Esse processo produz o sujeito pós-moderno, conceptualizado como não
tendo identidade fixa, essencial ou permanente. A identidade torna-se uma
‘celebração móvel’: formada e transformada continuamente em relação às
formas pelas quais somos representados ou interpelados nos sistemas
culturais que nos rodeiam (HALL, pág.12, 1992).

2 NENHUM CORAÇÃO

É justamente por se sentir tão à vontade escrevendo poesia que Araripe Coutinho
entrega em seu primeiro livro muito mais do que uma reunião de versos. Ele constrói seu
verdadeiro autorretrato; e a folha de papel que tanto o libertou também o aprisiona como
forma de castigo por ele ser quem foi, observação esta que pode ser percebida em “Caso”,
poema que mescla comparativos entre ele e outro homem, e onde a relação homoafetiva é
detalhada em forma de uma briga de egos.

Antigamente o macho era eu


(não sabia)
Matei todos os amores
Comprei todos os perfumes
Com a intenção de iludir
Não abria as cartas
Rasgava os bilhetes sem ler
Não chupava drops para beijar.
Hoje o macho é ele
(mais perverso ainda)
Não põe água nas plantas
Não tira o prato da mesa
Não dobra os lençóis
Não pergunta se quero sair.
Eu seguramente deixo tudo como está
Fecho a porta do quarto para dormir
Jogo o lençol dele no corredor
Apago o abajur
Somos duas feridas
Eu amo esta distância
Ele odeia este lirismo
Mas o mais destruidor de tudo isso
É tê-lo desmesuradamente em mim
Rir da metáfora de beber no meu copo
Ver sua sunga no banheiro
E pôr para lavar (COUTINHO, 2013, p. 29).
Pelas escolhas de temas, não tratados regularmente pela literatura poética brasileira,
quiçá sergipana, Araripe Coutinho instiga a curiosidade e ao mesmo tempo se coloca numa
redoba, justamente por se mostrar através de sua escrita crua, e sensível.

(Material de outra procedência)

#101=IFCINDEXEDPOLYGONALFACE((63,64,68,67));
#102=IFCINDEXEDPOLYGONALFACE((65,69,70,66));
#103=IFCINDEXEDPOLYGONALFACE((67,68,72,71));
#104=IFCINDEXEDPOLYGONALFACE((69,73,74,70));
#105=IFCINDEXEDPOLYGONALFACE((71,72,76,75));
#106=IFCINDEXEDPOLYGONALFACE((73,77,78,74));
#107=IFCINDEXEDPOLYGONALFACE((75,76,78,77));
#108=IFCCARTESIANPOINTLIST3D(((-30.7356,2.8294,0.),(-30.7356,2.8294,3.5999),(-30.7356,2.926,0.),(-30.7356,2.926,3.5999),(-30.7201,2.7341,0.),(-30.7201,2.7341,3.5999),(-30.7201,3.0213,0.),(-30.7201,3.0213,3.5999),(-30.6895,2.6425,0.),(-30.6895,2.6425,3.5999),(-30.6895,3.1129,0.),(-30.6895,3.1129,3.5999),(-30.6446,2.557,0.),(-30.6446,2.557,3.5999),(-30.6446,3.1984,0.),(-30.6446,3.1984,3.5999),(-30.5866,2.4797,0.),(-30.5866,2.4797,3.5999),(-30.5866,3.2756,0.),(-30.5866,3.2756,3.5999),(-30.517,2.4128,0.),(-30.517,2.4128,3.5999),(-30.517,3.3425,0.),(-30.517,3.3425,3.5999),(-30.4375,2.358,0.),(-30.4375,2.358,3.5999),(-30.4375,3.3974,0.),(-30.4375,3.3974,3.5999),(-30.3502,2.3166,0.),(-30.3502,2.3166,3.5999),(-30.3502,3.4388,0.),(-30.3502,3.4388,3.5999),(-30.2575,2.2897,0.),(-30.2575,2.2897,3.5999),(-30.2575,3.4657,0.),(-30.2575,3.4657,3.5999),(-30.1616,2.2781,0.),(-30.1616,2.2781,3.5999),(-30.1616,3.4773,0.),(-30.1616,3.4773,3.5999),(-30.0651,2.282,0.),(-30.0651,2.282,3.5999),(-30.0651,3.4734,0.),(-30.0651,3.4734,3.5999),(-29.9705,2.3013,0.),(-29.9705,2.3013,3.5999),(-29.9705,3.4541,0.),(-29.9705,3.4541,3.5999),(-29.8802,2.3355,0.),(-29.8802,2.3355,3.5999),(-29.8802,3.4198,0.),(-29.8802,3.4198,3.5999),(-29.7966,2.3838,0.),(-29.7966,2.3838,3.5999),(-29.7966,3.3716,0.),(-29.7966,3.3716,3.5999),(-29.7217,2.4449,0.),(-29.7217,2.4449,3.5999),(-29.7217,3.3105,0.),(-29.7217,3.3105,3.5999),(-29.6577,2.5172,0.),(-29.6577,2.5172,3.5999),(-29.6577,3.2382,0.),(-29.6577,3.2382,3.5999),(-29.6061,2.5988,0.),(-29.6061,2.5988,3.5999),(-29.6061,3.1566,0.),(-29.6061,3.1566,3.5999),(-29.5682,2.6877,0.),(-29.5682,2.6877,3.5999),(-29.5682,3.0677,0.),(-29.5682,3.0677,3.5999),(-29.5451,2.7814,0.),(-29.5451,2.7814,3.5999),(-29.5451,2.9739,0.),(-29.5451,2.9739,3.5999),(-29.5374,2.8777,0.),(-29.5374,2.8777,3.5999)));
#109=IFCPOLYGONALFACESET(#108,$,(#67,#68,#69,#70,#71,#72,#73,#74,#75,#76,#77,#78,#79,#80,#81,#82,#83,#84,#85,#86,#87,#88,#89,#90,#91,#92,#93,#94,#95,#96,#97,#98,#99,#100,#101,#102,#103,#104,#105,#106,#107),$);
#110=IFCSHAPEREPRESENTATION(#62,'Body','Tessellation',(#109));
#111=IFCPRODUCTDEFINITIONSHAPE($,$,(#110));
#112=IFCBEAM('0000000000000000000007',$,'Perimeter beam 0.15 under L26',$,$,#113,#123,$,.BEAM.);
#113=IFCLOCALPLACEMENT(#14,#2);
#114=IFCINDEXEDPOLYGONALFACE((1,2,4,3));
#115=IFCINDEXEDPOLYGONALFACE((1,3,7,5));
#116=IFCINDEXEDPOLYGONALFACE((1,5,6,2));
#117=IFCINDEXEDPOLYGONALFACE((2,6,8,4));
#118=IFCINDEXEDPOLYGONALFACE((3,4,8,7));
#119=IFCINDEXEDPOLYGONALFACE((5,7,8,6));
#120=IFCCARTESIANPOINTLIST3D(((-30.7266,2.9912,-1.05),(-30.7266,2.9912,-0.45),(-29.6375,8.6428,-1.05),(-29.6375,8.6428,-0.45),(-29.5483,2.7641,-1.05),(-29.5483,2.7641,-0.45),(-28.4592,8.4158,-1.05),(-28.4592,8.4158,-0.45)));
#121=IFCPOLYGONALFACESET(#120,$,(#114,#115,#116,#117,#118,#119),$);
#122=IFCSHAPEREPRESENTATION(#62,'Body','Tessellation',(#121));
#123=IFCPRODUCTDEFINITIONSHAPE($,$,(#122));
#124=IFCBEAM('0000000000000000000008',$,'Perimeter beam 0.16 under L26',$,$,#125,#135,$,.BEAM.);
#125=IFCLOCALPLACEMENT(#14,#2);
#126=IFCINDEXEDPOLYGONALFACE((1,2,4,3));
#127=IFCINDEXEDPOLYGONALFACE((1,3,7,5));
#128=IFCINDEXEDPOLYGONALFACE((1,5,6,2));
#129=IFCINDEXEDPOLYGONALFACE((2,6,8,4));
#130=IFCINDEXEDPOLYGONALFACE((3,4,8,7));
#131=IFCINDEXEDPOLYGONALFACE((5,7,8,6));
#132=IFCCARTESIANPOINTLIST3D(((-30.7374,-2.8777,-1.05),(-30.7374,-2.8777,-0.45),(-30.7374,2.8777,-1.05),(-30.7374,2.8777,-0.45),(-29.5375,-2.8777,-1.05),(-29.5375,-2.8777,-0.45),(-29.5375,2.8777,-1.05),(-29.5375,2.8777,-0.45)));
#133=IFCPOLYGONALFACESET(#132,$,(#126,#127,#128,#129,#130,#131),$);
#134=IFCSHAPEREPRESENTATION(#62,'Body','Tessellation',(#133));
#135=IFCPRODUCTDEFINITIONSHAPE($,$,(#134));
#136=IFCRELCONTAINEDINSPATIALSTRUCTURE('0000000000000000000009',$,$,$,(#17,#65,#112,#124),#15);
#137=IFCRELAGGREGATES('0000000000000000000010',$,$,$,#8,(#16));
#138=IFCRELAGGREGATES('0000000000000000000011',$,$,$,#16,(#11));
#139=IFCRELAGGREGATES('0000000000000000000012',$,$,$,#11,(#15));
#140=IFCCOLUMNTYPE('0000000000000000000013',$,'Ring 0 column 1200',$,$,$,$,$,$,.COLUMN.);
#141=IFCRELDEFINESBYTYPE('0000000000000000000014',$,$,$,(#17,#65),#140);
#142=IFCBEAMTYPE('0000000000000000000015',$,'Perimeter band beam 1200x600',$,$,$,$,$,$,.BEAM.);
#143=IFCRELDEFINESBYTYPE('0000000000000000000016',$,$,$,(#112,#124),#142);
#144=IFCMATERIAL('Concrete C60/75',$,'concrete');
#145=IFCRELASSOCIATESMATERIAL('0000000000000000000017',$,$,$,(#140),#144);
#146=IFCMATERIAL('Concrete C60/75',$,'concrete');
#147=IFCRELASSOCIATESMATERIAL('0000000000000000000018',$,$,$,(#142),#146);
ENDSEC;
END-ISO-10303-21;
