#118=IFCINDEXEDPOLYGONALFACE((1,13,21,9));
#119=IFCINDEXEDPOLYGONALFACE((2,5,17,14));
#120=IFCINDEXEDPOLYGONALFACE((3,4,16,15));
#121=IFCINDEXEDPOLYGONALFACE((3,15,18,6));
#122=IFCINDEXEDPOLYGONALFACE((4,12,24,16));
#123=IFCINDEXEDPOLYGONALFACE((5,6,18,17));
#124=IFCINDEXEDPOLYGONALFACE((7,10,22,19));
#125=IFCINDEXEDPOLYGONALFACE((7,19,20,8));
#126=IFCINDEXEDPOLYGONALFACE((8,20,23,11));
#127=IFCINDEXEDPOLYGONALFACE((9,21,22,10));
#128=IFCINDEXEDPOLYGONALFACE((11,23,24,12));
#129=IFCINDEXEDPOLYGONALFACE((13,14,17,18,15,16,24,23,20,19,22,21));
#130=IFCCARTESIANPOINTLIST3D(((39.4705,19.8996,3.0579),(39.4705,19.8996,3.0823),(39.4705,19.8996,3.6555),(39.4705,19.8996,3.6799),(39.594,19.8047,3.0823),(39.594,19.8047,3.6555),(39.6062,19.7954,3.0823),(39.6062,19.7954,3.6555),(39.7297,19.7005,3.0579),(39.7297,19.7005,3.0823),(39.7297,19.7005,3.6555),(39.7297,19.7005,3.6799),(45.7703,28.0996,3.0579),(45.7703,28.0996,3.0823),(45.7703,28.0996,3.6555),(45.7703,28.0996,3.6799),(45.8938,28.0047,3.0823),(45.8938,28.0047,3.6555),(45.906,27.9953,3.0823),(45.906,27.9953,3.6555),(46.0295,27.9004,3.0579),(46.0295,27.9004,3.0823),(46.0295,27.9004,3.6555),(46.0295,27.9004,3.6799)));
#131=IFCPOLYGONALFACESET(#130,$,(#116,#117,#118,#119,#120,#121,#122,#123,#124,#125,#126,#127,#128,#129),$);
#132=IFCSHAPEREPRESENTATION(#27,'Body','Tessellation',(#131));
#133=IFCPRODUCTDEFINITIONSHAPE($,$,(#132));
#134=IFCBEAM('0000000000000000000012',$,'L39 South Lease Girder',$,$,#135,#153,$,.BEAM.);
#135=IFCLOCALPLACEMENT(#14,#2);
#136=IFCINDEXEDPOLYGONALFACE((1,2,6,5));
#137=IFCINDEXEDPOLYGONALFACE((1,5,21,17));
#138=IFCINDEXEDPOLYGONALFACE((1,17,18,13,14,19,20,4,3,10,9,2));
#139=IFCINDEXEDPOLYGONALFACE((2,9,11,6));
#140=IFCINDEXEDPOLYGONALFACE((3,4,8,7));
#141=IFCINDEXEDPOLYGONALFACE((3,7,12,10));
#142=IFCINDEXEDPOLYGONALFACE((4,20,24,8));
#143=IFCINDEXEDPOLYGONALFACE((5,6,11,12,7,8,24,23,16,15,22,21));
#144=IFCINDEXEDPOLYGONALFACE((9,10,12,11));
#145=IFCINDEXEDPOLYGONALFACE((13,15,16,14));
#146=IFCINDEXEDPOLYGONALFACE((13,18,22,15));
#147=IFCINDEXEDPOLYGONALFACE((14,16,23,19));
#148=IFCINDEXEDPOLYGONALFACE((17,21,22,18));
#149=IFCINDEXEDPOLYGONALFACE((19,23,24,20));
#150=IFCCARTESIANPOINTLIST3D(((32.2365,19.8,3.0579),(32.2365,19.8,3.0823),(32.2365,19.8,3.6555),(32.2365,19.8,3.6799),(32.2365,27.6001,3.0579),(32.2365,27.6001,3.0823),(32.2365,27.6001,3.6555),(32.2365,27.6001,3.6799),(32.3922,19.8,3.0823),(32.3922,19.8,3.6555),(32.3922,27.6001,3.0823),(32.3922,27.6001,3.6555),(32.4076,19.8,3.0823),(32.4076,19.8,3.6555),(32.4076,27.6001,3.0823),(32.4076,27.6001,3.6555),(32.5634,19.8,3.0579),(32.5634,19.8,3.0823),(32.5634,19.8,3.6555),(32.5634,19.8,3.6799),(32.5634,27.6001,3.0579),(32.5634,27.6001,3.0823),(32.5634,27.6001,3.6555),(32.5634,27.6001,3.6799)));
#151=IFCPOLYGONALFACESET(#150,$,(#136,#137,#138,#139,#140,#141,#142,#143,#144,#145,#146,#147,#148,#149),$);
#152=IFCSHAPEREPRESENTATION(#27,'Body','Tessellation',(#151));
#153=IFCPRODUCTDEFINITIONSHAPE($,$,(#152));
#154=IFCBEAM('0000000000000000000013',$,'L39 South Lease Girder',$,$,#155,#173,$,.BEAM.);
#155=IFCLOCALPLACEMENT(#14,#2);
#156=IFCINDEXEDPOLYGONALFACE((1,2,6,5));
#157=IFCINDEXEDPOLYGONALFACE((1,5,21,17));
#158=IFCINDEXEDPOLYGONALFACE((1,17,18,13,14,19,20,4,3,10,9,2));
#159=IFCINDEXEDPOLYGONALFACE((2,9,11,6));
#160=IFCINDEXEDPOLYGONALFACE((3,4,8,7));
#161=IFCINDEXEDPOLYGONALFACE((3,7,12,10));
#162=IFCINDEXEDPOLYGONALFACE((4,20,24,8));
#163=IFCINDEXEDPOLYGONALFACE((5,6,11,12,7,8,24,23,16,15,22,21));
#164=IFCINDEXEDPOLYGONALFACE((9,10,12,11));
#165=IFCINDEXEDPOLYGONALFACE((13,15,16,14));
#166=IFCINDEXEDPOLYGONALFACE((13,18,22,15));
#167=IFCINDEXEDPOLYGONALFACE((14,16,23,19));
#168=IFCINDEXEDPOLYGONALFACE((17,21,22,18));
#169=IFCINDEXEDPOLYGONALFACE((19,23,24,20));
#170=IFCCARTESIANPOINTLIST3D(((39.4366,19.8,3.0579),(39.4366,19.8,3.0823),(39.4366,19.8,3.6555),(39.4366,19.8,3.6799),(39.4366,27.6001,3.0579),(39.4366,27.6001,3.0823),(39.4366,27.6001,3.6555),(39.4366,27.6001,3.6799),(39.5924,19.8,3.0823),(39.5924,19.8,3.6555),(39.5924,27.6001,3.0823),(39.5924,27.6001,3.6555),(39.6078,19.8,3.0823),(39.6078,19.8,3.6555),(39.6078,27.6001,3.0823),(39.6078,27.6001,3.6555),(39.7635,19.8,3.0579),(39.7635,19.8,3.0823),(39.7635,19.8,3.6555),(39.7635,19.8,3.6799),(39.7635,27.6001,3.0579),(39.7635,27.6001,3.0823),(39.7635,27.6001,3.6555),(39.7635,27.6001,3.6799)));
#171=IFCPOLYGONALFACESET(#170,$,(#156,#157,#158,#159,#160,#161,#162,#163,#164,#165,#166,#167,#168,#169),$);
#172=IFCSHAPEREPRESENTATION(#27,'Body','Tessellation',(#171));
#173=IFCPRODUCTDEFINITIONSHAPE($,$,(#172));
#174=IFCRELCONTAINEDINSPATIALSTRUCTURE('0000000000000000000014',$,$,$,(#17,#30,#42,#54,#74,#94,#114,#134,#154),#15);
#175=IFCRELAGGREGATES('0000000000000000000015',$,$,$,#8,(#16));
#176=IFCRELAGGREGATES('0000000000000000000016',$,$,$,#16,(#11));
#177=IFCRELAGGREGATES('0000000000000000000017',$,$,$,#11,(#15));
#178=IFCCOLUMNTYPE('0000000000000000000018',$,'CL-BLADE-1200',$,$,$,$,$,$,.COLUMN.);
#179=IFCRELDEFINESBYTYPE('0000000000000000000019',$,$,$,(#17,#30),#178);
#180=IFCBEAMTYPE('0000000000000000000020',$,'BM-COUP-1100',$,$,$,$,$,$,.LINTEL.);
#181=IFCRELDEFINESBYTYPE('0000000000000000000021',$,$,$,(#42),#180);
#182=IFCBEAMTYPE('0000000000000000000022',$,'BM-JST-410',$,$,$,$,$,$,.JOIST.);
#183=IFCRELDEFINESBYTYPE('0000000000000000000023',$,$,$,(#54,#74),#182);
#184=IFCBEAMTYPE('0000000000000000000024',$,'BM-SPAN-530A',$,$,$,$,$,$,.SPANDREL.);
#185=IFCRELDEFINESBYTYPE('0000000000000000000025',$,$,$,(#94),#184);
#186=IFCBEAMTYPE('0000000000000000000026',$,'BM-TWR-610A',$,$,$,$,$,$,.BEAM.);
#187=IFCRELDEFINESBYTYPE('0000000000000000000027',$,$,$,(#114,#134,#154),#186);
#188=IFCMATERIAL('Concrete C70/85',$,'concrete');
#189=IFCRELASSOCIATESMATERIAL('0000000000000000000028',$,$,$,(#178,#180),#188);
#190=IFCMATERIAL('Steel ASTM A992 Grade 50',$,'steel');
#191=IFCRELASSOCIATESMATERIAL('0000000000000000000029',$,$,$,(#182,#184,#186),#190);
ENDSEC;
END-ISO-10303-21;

Livre e aprisionado ao mesmo tempo, “Amor Sem Rosto” é composto por 14 poemas,
sendo destes, sete com teor homoafetivo e outros setes sobre religiosidade, relações
familiares e dores amorosas. O escritor se descobre um jovem poeta brasileiro, mas também
um homem que acaba marginalizado em decorrência de sua homopoética2 manifestada.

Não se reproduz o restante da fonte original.